Compression, deduplication and REFS
In comparison to NTFS, ReFS (Resilient File System) clearly has attributes of scale and is built for storing a large amount of data reliably. The definition of large here is not restricted to TBs but rather peta bytes and further. NTFS did not have the characteristics to scale at that level. Given that a CHKDSK operation to identify and fix file system corruption for a file system large configured as NTFS would take days or weeks, ReFS seems to be the natural fit for these larger environments where the integrity of the file system is constantly being ensured.
So what surprises me is that ReFS does not support compression or deduplication to reduce the storage footprint of common data. NTFS supports file compression and with Windows 2012, NTFS volumes can also be configured for deduplication. I see a common use case of ReFS to be a repository of virtual machine images or large files that could have a lot of common blocks, especially in the case of virtual machines, large ranges of zero or null blocks. Deduplication is perfect in this case as the zero blocks all get effectively compacted to one single block.

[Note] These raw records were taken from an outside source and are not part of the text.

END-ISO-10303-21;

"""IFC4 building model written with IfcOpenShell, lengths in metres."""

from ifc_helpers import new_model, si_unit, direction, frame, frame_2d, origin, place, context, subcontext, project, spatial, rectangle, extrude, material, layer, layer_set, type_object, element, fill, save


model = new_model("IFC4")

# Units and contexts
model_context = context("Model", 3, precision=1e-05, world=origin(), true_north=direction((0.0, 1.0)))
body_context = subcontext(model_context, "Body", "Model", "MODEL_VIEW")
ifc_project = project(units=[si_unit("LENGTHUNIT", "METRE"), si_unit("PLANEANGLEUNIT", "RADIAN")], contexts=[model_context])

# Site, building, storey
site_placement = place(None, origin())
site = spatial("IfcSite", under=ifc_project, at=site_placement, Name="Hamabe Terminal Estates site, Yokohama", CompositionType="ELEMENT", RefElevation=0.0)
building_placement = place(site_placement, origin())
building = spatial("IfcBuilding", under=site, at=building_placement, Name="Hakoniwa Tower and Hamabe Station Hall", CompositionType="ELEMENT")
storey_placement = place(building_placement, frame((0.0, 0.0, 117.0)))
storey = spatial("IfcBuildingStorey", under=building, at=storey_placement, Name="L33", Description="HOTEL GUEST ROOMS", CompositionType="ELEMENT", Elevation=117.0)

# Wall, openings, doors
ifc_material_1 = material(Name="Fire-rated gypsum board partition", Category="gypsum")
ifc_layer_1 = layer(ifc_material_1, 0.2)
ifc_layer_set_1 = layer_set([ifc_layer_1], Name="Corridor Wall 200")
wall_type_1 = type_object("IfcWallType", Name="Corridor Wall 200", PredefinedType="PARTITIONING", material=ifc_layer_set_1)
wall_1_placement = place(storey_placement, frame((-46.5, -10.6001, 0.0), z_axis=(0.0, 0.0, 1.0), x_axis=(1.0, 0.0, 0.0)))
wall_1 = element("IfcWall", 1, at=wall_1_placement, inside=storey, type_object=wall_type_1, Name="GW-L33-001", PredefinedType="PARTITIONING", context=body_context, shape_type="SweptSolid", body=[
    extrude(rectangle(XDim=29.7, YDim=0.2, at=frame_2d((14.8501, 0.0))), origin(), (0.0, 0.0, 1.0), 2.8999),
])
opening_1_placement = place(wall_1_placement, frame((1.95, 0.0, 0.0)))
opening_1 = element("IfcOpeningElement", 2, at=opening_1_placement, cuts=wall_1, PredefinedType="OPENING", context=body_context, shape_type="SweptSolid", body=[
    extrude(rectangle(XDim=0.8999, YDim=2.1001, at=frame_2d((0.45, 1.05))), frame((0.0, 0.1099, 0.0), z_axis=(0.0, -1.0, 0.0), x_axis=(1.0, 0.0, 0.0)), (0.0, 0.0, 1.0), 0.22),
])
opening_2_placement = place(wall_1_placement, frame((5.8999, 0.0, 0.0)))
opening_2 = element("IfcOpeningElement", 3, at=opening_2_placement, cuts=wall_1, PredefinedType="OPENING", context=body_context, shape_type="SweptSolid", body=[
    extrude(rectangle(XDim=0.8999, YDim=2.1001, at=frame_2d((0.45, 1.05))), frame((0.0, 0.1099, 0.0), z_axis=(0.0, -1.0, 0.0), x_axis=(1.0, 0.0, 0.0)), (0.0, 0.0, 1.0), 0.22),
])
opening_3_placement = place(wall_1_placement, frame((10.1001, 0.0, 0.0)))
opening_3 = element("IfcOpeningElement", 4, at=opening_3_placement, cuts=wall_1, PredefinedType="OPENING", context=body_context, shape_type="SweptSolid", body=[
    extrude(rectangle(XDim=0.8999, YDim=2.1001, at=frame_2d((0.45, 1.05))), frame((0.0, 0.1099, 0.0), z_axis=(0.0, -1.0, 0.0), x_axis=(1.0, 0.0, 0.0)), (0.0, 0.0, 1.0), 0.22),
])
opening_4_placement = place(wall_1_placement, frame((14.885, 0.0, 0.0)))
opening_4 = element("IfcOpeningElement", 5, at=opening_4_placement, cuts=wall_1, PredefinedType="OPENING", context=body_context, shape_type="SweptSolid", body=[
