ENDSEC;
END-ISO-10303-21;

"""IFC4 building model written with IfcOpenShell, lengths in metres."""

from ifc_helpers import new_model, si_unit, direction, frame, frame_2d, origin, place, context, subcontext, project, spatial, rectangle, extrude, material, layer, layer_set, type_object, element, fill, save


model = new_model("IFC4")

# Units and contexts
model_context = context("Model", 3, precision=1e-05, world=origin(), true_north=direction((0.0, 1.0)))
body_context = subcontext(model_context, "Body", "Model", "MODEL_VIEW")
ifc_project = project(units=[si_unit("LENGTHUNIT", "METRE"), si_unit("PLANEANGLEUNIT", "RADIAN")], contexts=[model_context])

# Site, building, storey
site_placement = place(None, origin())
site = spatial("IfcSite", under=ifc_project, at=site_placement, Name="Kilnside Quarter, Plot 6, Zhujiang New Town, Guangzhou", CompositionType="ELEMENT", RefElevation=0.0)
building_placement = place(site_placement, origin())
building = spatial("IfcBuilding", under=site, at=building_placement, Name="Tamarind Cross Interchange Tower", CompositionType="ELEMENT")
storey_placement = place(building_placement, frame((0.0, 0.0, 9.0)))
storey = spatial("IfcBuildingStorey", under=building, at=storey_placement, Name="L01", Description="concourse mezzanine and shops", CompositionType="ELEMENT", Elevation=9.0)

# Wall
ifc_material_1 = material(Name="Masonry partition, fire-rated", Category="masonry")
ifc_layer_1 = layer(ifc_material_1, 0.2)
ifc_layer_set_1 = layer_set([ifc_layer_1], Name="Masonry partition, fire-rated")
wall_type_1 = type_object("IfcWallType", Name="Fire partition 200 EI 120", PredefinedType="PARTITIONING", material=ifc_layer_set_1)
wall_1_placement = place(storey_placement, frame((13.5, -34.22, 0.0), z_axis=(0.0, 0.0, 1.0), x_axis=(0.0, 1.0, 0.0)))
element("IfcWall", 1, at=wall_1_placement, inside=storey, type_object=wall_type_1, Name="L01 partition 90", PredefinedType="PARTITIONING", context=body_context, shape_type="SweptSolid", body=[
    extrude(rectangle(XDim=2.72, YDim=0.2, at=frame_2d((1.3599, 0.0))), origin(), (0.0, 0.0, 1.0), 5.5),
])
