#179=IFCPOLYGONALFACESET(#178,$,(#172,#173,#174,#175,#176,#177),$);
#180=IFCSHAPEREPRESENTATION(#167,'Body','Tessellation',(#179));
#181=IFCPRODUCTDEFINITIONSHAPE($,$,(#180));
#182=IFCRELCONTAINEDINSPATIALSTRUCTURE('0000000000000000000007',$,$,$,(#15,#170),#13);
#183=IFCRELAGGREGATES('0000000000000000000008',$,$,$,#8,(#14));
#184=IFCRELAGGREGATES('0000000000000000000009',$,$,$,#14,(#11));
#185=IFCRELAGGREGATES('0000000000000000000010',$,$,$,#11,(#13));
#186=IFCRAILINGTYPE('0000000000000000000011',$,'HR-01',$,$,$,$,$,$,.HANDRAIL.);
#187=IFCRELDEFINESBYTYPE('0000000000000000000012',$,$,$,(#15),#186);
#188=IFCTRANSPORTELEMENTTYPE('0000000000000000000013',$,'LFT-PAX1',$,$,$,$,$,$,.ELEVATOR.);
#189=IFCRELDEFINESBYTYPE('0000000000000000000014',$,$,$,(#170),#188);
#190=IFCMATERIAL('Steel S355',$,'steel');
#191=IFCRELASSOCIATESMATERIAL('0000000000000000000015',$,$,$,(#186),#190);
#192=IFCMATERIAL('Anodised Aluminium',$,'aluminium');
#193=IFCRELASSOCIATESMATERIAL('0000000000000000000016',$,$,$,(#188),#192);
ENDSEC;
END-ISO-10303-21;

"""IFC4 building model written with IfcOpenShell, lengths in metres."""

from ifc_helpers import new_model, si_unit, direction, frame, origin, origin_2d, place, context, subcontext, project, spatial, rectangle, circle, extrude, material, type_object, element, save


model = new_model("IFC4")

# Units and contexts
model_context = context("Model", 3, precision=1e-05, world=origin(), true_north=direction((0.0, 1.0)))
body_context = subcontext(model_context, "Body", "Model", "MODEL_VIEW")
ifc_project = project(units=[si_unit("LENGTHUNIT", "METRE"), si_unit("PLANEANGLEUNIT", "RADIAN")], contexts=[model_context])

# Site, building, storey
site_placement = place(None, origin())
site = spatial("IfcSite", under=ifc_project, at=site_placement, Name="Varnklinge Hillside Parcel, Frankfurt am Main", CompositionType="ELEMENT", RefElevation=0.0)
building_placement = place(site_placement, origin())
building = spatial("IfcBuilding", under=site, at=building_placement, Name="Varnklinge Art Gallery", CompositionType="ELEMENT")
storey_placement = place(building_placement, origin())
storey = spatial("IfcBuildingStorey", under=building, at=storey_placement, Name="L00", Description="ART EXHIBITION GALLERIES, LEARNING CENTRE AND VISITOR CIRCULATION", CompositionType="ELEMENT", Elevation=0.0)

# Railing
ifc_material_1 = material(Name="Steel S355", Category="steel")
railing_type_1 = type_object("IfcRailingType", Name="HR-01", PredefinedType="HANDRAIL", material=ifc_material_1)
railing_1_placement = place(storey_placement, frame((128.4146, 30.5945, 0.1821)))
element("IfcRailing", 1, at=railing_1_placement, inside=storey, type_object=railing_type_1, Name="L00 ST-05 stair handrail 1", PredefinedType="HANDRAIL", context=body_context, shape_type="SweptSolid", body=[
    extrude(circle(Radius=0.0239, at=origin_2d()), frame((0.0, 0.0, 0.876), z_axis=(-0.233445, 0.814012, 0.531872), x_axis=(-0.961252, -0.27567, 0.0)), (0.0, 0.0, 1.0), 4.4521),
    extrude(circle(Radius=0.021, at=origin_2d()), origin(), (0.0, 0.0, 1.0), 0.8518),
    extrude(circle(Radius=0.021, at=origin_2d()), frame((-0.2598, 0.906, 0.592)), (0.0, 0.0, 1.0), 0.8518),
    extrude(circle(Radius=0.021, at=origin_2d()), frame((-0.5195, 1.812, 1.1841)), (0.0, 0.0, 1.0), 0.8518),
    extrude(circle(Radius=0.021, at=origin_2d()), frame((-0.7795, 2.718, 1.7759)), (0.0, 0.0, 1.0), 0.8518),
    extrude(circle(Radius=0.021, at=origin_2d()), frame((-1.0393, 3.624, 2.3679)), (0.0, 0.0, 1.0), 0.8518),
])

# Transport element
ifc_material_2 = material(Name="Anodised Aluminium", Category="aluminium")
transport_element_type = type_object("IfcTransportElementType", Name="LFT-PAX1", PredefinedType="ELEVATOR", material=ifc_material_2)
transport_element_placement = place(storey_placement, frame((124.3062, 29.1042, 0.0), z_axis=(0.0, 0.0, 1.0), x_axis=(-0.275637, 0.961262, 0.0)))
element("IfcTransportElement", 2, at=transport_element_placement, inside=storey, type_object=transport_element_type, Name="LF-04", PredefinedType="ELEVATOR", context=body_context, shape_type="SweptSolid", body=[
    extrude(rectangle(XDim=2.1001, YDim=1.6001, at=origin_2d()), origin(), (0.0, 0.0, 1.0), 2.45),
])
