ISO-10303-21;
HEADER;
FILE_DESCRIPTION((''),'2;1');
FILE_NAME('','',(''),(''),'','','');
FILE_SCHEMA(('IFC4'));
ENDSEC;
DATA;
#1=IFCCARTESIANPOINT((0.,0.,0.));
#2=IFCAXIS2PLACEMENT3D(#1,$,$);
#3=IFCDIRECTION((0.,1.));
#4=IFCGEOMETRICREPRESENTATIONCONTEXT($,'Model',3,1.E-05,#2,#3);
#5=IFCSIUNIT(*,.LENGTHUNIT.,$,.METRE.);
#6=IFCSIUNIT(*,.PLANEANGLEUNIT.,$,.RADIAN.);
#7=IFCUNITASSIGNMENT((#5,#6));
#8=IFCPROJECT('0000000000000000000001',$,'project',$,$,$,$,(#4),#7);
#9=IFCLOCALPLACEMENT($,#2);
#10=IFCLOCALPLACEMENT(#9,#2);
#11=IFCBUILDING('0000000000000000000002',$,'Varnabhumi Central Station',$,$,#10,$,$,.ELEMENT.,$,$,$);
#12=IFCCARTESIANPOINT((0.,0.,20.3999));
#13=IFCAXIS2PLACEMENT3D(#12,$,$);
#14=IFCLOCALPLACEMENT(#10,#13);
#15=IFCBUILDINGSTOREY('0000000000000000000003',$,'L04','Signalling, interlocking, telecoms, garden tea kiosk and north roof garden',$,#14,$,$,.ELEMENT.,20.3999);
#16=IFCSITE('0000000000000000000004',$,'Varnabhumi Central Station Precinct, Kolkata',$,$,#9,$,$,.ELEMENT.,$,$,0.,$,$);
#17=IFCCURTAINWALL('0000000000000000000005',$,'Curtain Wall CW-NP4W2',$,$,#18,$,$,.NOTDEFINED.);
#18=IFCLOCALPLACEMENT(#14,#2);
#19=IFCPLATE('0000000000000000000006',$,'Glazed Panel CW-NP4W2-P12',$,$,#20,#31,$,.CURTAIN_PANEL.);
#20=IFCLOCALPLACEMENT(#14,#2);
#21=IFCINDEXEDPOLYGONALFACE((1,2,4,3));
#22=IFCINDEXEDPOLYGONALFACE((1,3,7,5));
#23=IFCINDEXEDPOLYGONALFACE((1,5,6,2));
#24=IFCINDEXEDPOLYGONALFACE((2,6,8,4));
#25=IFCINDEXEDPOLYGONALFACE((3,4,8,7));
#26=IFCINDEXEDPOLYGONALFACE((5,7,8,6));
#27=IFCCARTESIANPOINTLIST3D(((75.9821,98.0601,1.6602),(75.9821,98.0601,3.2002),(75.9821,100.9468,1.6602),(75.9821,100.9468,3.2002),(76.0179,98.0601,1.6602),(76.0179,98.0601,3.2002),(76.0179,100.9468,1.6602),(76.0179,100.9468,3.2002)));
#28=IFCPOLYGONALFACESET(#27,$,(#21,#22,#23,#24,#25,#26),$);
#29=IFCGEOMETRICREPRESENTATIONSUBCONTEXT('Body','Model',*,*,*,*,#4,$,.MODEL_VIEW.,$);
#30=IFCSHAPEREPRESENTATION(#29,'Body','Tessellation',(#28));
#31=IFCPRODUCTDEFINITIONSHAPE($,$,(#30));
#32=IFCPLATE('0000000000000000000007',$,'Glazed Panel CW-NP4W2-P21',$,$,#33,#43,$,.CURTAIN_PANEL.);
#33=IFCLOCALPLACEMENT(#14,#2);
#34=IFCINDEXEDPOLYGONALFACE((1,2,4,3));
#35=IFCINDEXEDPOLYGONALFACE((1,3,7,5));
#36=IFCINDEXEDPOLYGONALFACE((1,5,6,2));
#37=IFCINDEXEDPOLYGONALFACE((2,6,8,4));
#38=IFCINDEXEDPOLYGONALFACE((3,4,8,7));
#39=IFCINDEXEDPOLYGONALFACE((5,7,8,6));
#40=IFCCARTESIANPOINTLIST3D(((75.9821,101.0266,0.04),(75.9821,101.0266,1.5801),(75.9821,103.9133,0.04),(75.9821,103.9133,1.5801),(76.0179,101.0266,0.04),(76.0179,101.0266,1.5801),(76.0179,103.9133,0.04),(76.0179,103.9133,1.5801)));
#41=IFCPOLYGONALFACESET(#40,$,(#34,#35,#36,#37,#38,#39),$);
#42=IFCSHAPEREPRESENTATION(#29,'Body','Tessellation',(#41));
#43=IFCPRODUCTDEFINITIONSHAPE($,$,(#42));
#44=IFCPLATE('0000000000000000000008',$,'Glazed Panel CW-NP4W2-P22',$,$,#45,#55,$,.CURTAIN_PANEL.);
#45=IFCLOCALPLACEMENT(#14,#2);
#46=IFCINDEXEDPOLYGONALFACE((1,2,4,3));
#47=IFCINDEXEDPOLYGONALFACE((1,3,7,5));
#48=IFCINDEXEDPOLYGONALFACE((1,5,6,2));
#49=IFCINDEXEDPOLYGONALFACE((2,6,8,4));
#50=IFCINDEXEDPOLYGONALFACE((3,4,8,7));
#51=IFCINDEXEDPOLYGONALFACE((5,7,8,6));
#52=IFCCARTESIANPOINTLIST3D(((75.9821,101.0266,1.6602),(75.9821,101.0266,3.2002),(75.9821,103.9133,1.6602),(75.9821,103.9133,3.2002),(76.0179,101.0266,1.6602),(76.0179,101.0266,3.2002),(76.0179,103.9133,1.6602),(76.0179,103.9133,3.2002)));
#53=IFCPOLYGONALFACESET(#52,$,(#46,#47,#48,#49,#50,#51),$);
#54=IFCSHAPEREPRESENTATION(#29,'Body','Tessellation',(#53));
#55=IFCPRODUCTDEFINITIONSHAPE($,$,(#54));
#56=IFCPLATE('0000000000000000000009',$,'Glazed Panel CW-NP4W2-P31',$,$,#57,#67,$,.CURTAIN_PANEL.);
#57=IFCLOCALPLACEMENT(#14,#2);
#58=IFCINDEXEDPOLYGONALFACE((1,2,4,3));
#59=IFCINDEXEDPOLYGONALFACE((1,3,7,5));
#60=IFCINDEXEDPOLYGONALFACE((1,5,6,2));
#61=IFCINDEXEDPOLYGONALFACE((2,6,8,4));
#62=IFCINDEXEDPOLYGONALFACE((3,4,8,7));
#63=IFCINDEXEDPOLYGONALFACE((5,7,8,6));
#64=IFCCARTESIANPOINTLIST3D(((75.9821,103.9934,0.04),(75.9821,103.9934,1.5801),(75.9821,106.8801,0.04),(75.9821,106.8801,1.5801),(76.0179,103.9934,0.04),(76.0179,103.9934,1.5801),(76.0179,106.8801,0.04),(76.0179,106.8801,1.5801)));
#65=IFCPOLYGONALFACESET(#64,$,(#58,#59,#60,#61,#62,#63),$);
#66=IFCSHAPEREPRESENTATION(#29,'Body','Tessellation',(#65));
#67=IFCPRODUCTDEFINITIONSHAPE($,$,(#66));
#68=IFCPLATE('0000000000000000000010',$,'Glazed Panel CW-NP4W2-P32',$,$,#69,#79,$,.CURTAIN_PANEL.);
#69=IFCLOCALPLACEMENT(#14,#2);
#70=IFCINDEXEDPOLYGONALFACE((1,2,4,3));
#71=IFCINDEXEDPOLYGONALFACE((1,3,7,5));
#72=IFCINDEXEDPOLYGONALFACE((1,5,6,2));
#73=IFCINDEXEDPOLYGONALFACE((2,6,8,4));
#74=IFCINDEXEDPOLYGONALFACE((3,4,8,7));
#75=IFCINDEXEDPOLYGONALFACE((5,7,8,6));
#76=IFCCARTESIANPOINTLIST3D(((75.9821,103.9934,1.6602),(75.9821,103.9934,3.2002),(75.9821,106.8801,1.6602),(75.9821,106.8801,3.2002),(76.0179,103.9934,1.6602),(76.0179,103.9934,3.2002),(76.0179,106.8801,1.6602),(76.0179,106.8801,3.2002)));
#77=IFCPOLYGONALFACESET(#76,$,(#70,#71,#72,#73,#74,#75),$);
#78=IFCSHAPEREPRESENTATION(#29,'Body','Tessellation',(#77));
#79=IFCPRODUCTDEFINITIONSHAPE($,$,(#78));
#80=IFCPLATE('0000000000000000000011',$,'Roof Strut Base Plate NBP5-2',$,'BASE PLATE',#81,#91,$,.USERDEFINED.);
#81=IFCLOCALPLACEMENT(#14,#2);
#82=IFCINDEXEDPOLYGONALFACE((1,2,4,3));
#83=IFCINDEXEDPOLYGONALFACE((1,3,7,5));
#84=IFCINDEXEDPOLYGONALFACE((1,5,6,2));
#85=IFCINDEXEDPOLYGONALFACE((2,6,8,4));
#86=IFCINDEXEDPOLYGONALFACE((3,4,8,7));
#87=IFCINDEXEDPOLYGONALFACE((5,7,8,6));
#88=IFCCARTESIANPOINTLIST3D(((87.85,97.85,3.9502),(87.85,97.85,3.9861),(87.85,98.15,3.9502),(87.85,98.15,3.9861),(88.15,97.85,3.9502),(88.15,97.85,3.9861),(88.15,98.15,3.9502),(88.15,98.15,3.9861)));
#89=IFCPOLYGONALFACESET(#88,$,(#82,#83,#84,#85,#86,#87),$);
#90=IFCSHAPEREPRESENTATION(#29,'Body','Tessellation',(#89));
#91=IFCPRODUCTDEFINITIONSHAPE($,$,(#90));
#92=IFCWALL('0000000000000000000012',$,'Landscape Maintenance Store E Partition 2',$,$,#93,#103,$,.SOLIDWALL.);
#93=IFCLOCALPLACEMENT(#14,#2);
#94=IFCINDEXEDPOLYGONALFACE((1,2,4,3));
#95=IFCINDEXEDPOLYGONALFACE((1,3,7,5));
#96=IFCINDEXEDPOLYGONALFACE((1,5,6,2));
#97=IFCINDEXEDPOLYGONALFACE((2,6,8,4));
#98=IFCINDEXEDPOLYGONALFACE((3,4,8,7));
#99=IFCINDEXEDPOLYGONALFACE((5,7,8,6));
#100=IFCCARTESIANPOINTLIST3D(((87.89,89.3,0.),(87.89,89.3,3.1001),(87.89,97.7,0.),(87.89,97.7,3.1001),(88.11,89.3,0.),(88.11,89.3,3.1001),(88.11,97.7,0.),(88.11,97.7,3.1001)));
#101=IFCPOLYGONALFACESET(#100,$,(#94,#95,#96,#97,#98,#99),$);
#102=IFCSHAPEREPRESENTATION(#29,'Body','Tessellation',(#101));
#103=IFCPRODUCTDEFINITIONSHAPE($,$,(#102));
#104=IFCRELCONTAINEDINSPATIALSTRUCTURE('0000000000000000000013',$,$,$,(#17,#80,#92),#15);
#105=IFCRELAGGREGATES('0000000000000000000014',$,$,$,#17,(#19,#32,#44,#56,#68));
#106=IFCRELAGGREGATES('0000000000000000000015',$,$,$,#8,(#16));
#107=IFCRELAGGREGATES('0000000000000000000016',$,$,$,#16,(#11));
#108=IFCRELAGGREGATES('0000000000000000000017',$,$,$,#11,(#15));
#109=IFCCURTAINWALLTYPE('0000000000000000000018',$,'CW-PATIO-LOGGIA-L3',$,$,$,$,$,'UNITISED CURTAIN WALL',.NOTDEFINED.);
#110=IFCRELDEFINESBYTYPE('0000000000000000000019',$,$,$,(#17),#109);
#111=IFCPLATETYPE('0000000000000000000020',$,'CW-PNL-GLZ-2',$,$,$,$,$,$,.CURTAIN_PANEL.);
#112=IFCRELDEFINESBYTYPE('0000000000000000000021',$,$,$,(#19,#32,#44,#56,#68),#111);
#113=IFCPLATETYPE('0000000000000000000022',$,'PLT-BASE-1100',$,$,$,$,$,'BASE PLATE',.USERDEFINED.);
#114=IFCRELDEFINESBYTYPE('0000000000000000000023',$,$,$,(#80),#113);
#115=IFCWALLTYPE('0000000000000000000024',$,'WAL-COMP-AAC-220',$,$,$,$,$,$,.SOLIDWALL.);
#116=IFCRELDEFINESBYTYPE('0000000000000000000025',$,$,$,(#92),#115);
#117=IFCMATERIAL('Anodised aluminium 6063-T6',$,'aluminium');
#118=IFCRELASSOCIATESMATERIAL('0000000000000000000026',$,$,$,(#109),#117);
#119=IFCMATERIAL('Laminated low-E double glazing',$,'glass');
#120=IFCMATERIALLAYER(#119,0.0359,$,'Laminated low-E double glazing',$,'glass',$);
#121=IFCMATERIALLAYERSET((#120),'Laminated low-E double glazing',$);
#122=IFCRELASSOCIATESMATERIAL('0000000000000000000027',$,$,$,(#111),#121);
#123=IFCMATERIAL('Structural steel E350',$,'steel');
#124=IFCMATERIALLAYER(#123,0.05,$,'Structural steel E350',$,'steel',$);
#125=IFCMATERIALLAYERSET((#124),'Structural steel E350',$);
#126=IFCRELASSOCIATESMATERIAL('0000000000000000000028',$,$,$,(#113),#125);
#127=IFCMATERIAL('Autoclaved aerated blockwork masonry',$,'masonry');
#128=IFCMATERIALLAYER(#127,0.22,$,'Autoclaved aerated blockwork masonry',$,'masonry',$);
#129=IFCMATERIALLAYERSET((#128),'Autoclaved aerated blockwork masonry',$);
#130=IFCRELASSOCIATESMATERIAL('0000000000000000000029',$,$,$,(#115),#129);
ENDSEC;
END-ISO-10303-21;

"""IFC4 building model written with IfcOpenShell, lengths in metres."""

from ifc_helpers import new_model, si_unit, direction, frame, frame_2d, origin, origin_2d, place, context, subcontext, project, spatial, rectangle, extrude, material, layer, layer_set, type_object, element, aggregate, save


model = new_model("IFC4")

# Units and contexts
model_context = context("Model", 3, precision=1e-05, world=origin(), true_north=direction((0.0, 1.0)))
body_context = subcontext(model_context, "Body", "Model", "MODEL_VIEW")
ifc_project = project(units=[si_unit("LENGTHUNIT", "METRE"), si_unit("PLANEANGLEUNIT", "RADIAN")], contexts=[model_context])

# Site, building, storey
site_placement = place(None, origin())
site = spatial("IfcSite", under=ifc_project, at=site_placement, Name="Varnabhumi Central Station Precinct, Kolkata", CompositionType="ELEMENT", RefElevation=0.0)
building_placement = place(site_placement, origin())
building = spatial("IfcBuilding", under=site, at=building_placement, Name="Varnabhumi Central Station", CompositionType="ELEMENT")
storey_placement = place(building_placement, frame((0.0, 0.0, 20.3999)))
storey = spatial("IfcBuildingStorey", under=building, at=storey_placement, Name="L04", Description="Signalling, interlocking, telecoms, garden tea kiosk and north roof garden", CompositionType="ELEMENT", Elevation=20.3999)

# Shared definitions
ifc_material_1 = material(Name="Structural steel E350", Category="steel")

# Curtain wall
ifc_material_2 = material(Name="Anodised aluminium 6063-T6", Category="aluminium")
curtain_wall_type = type_object("IfcCurtainWallType", Name="CW-PATIO-LOGGIA-L3", ElementType="UNITISED CURTAIN WALL", PredefinedType="NOTDEFINED", material=ifc_material_2)
curtain_wall_1_placement = place(storey_placement, origin())
curtain_wall_1 = element("IfcCurtainWall", 1, at=curtain_wall_1_placement, inside=storey, type_object=curtain_wall_type, Name="Curtain Wall CW-NP4W2", PredefinedType="NOTDEFINED")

ReFS like NTFS supports a pluggable file system architecture and will allow third party products to layer on top of it to offer functionality like deduplication. Also true is the fact that deduplication is resource intensive, but given the fact that ReFS already creates checksums for blocks to ensure integrity and resilience, I was surprised to find this feature missing. It may very well be in the offing sometime soon, let’s wait and watch.